A new technology to measure skin absorption of vapors

Skin vapor absorption is one of the major exposure routes for some widely used chemicals (e.g., 2-methoxy ethanol), but a good apparatus with which exposure can be measured is currently unavailable. In this study, a polished stainless-steel chamber-combined with computer-controlled auto-feedback software and hardware, real-time gas sensors, and an auto-injection microsyringe-was proposed as new technology. In addition, the machines had activated-charcoal tubes and cold traps, both of which simulated the skin uptake and validated the reliability of the proposed system. The exposure concentrations, relative humidity, and temperature were effectively controlled at 25+/-0.5 ppm (or 300+/-10 ppm), 80+/-2%, and 27.5+/-0.5 degrees C, respectively. The relative errors between the quantity of 2-methoxy ethanol collected in either the charcoal tubes or the cold traps and the quantity of ME injected to maintain a constant exposure were less than 5%. The authors also used this new technology to successfully measure skin absorption of ME vapor in 6 volunteers. The authors concluded that this new technology is a direct, continuous, noninvasive, and simple tool with which to measure skin absorption of vapors.

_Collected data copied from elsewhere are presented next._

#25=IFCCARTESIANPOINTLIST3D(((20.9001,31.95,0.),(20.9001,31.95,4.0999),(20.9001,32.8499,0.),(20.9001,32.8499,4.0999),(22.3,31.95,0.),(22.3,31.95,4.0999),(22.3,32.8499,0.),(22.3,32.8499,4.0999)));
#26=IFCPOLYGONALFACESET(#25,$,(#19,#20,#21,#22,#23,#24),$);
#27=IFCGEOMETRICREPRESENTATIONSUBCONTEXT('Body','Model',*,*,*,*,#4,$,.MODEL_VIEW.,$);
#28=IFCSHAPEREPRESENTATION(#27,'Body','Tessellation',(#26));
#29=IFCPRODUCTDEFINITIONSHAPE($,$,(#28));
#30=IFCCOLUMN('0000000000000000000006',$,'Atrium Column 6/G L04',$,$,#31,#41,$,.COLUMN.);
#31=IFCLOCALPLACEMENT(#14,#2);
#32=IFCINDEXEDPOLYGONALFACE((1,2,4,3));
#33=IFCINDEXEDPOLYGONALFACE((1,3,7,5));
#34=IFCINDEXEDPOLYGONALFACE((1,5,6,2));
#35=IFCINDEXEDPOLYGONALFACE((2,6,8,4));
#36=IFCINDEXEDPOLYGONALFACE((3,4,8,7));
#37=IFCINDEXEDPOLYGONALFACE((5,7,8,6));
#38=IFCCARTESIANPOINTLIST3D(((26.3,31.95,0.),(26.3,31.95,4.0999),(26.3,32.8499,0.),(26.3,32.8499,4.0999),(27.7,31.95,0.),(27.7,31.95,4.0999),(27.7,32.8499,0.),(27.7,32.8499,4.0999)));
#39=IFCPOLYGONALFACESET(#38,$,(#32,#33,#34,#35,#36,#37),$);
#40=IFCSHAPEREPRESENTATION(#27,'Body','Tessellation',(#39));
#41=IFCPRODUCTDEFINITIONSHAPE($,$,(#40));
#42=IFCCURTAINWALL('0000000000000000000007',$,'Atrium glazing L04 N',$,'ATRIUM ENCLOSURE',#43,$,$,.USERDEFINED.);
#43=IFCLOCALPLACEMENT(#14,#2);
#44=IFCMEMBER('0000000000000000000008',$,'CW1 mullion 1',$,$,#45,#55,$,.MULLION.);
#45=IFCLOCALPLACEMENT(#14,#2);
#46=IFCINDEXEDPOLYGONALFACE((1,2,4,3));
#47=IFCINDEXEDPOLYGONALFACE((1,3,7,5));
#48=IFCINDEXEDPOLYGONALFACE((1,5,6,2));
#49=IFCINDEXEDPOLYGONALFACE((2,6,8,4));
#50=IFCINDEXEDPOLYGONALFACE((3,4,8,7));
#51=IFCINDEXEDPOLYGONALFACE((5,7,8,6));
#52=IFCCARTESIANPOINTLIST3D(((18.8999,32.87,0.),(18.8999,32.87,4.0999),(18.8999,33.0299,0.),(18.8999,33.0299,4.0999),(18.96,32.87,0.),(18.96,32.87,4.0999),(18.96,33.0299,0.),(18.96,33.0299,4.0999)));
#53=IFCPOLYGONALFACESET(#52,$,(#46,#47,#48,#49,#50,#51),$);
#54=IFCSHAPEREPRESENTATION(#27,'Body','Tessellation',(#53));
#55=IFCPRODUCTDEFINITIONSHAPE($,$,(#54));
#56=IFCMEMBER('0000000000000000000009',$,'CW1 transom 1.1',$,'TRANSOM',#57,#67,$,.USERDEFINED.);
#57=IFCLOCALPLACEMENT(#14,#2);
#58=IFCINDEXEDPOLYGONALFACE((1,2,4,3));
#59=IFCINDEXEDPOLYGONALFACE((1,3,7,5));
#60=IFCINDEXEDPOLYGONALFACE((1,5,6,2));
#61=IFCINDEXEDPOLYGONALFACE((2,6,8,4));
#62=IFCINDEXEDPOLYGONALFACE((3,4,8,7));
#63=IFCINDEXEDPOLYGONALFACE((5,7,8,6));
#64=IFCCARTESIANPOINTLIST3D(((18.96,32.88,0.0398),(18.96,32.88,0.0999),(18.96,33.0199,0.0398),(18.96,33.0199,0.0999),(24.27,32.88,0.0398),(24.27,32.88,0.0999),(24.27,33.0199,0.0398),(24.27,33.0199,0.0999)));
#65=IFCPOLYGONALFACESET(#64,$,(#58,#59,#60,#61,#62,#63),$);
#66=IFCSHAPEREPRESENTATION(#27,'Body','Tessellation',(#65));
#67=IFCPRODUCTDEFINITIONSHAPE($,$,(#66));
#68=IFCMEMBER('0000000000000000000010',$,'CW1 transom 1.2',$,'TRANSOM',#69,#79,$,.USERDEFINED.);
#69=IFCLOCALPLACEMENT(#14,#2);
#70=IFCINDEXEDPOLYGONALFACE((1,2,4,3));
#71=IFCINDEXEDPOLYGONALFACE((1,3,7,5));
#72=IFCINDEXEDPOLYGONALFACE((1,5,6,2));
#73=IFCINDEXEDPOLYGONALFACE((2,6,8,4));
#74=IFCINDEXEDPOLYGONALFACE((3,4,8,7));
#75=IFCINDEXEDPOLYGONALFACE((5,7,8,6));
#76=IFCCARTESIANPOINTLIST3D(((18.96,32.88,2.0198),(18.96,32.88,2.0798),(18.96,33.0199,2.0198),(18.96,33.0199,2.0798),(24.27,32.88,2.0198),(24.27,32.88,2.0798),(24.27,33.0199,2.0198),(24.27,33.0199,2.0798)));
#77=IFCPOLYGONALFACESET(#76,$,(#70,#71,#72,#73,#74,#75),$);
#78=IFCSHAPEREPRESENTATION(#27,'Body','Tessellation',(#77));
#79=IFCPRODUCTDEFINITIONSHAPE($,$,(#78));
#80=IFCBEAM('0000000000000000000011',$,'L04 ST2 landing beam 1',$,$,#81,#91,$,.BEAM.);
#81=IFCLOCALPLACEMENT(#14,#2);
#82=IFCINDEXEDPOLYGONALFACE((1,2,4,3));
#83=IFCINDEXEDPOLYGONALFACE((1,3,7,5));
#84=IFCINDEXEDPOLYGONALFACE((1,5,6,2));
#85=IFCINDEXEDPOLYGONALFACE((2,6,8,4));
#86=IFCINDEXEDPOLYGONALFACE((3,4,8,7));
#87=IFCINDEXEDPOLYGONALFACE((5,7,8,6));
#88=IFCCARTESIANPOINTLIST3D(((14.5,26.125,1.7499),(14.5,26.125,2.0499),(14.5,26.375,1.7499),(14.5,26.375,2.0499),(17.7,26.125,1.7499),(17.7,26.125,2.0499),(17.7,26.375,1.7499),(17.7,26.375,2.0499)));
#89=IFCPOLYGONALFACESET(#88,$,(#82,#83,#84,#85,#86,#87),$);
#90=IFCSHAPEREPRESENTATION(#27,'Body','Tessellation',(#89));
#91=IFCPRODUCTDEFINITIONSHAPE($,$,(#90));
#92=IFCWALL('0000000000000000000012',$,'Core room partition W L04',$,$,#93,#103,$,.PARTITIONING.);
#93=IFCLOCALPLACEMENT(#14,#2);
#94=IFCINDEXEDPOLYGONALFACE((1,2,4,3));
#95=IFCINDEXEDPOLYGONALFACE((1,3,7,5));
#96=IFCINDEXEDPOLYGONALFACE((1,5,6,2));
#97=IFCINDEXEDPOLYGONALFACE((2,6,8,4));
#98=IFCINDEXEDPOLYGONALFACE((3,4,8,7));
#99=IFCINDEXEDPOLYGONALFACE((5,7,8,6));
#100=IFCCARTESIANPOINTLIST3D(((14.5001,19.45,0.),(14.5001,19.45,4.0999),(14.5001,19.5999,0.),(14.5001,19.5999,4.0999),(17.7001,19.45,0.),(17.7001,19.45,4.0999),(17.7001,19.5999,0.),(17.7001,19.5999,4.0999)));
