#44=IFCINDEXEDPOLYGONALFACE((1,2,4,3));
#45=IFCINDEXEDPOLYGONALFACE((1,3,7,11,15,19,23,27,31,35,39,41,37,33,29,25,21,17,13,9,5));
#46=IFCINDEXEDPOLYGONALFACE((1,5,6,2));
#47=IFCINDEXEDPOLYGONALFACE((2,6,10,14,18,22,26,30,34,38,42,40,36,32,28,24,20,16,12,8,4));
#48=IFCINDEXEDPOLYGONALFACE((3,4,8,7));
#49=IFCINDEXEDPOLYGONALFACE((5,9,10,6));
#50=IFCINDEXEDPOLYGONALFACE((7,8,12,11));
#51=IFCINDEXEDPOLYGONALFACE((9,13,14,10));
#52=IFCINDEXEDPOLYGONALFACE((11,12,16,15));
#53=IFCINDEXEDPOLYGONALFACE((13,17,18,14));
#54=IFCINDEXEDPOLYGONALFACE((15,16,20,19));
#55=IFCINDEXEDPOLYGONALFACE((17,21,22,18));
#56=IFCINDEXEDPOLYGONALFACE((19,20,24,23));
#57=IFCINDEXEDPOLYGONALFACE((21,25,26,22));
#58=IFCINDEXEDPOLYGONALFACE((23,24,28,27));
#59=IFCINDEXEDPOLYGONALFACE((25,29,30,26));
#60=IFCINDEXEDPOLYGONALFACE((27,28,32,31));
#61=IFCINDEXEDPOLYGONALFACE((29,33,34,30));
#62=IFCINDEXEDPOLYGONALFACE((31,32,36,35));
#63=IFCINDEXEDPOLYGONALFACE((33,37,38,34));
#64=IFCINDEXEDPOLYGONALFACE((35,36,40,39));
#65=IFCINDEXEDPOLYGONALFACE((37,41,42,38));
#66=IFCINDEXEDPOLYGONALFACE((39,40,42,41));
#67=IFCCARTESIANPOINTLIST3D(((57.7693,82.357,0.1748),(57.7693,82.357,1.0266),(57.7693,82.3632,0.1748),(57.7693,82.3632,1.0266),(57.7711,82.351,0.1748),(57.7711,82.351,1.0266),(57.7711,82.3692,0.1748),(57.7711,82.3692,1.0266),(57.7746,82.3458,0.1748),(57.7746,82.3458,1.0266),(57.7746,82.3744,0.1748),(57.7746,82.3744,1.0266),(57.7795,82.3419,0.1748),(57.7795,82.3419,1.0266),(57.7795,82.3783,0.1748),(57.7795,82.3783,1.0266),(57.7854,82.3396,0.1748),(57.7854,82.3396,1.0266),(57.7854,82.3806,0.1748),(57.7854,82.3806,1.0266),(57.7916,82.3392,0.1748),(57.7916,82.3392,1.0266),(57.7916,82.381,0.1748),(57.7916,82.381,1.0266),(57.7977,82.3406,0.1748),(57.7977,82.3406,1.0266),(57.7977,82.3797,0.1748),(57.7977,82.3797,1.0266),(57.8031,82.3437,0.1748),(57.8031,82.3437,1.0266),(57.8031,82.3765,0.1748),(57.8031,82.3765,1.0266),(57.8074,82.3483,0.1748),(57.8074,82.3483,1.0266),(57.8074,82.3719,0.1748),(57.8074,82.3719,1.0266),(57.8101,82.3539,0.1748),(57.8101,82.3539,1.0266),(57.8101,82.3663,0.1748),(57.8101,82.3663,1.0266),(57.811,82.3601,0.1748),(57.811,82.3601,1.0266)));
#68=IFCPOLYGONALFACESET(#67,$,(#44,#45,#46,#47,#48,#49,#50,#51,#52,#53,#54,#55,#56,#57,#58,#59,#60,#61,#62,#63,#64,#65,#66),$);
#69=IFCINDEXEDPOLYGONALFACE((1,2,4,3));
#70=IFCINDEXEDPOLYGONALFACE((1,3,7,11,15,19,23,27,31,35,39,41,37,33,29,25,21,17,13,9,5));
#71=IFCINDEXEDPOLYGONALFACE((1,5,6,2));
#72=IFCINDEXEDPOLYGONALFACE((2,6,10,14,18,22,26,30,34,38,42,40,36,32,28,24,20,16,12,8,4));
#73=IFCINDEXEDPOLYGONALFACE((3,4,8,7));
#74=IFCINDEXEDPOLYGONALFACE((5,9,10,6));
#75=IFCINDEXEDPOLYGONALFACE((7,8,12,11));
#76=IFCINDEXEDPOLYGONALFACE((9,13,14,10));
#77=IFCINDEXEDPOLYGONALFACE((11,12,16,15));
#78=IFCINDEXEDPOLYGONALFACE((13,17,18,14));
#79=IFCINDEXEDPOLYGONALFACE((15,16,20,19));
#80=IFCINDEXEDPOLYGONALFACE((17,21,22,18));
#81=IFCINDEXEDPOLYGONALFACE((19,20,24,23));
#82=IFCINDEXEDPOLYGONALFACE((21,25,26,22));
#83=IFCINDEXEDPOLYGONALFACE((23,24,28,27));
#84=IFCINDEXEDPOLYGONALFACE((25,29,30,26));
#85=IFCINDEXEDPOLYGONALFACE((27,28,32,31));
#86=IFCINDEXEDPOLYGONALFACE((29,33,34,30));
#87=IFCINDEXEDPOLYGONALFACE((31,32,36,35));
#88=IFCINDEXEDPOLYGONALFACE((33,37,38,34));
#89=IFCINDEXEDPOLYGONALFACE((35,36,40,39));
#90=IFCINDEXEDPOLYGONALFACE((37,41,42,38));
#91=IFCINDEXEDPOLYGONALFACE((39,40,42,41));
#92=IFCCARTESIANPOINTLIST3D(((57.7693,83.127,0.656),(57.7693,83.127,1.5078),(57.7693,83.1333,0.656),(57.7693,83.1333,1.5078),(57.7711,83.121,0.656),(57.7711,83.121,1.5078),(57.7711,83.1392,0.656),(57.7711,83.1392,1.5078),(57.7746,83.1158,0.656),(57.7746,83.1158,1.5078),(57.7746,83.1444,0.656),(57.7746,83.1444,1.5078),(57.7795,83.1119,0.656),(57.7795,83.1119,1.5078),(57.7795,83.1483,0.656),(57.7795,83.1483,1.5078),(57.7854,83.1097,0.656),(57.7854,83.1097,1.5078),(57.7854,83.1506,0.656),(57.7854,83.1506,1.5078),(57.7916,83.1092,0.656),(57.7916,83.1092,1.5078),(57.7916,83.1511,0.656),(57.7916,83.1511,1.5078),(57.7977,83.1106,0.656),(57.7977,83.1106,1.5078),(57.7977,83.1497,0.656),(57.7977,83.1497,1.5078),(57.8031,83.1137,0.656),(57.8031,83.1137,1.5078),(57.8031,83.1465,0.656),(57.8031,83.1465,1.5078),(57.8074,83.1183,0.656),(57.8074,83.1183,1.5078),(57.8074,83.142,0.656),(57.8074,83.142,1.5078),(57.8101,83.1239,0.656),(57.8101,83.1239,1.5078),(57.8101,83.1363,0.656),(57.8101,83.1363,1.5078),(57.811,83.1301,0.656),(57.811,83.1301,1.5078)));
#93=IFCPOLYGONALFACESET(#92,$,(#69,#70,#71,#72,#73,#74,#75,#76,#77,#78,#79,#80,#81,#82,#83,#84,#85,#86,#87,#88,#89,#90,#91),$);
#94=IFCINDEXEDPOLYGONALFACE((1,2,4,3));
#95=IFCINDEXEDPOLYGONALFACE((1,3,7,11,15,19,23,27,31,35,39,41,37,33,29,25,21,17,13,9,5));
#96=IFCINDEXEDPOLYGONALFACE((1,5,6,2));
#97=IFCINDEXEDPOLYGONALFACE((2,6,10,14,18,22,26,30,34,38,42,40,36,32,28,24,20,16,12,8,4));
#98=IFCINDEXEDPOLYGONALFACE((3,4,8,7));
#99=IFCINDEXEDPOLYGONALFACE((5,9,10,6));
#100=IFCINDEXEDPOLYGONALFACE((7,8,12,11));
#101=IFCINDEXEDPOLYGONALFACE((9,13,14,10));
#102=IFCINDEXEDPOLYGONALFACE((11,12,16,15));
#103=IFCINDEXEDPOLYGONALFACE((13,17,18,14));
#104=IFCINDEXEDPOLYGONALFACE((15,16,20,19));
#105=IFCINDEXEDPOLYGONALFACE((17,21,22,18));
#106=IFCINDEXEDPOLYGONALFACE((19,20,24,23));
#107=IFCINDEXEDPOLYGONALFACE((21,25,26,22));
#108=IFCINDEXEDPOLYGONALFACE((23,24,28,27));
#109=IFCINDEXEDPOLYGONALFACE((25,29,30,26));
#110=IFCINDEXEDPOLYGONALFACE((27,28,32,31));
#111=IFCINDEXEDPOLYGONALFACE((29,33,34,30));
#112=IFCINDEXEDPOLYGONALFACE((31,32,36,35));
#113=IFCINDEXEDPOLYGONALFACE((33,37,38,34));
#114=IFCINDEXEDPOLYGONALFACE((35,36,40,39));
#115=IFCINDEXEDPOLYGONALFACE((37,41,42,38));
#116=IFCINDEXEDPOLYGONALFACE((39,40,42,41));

Haematological and spermatotoxic effects of ethylene glycol monomethyl ether in copper clad laminate factories

OBJECTIVES

To investigate the effects of ethylene glycol monomethyl ether (EGME) on haematology and reproduction in exposed workers.

METHODS

53 Impregnation workers from two factories that make copper clad laminate with EGME as a solvent were recruited as the exposed group. Another group of 121 lamination workers with indirect exposure to EGME was recruited as the control group. Environmental monitoring of concentrations of EGME in air and biological monitoring of urinary methoxyacetic acid (MAA) concentrations were performed. Venous blood was collected for routine and biochemical analyses. Semen was collected from 14 workers exposed to EGME for sperm analysis and was compared with 13 control workers.

RESULTS

Results of haematological examination showed that the haemoglobin, packed cell volume, and red blood cell count in the male workers exposed to EGME were significantly lower than in the controls. The frequency of anaemia in the exposed group (26.1%) was significantly higher than in the control group (3.2%). However, no differences were found between the female workers exposed and not exposed to EGME. After adjustment for sex, body mass index, and duration of employment, red blood cell count was significantly negatively associated with air concentrations of EGME, and haemoglobin, packed cell volume, and red blood cell count were significantly negatively associated with urinary concentrations of MAA. The pH of semen in the exposed workers was significantly lower than in the control workers, but there were no significant differences in the sperm count or sperm morphology between the exposed and control groups.

CONCLUSION

It can be concluded that EGME is a haematological toxin, which leads to anaemia in the exposed workers. However, the data from this study did not support the theory of a spermatotoxic effect of EGME.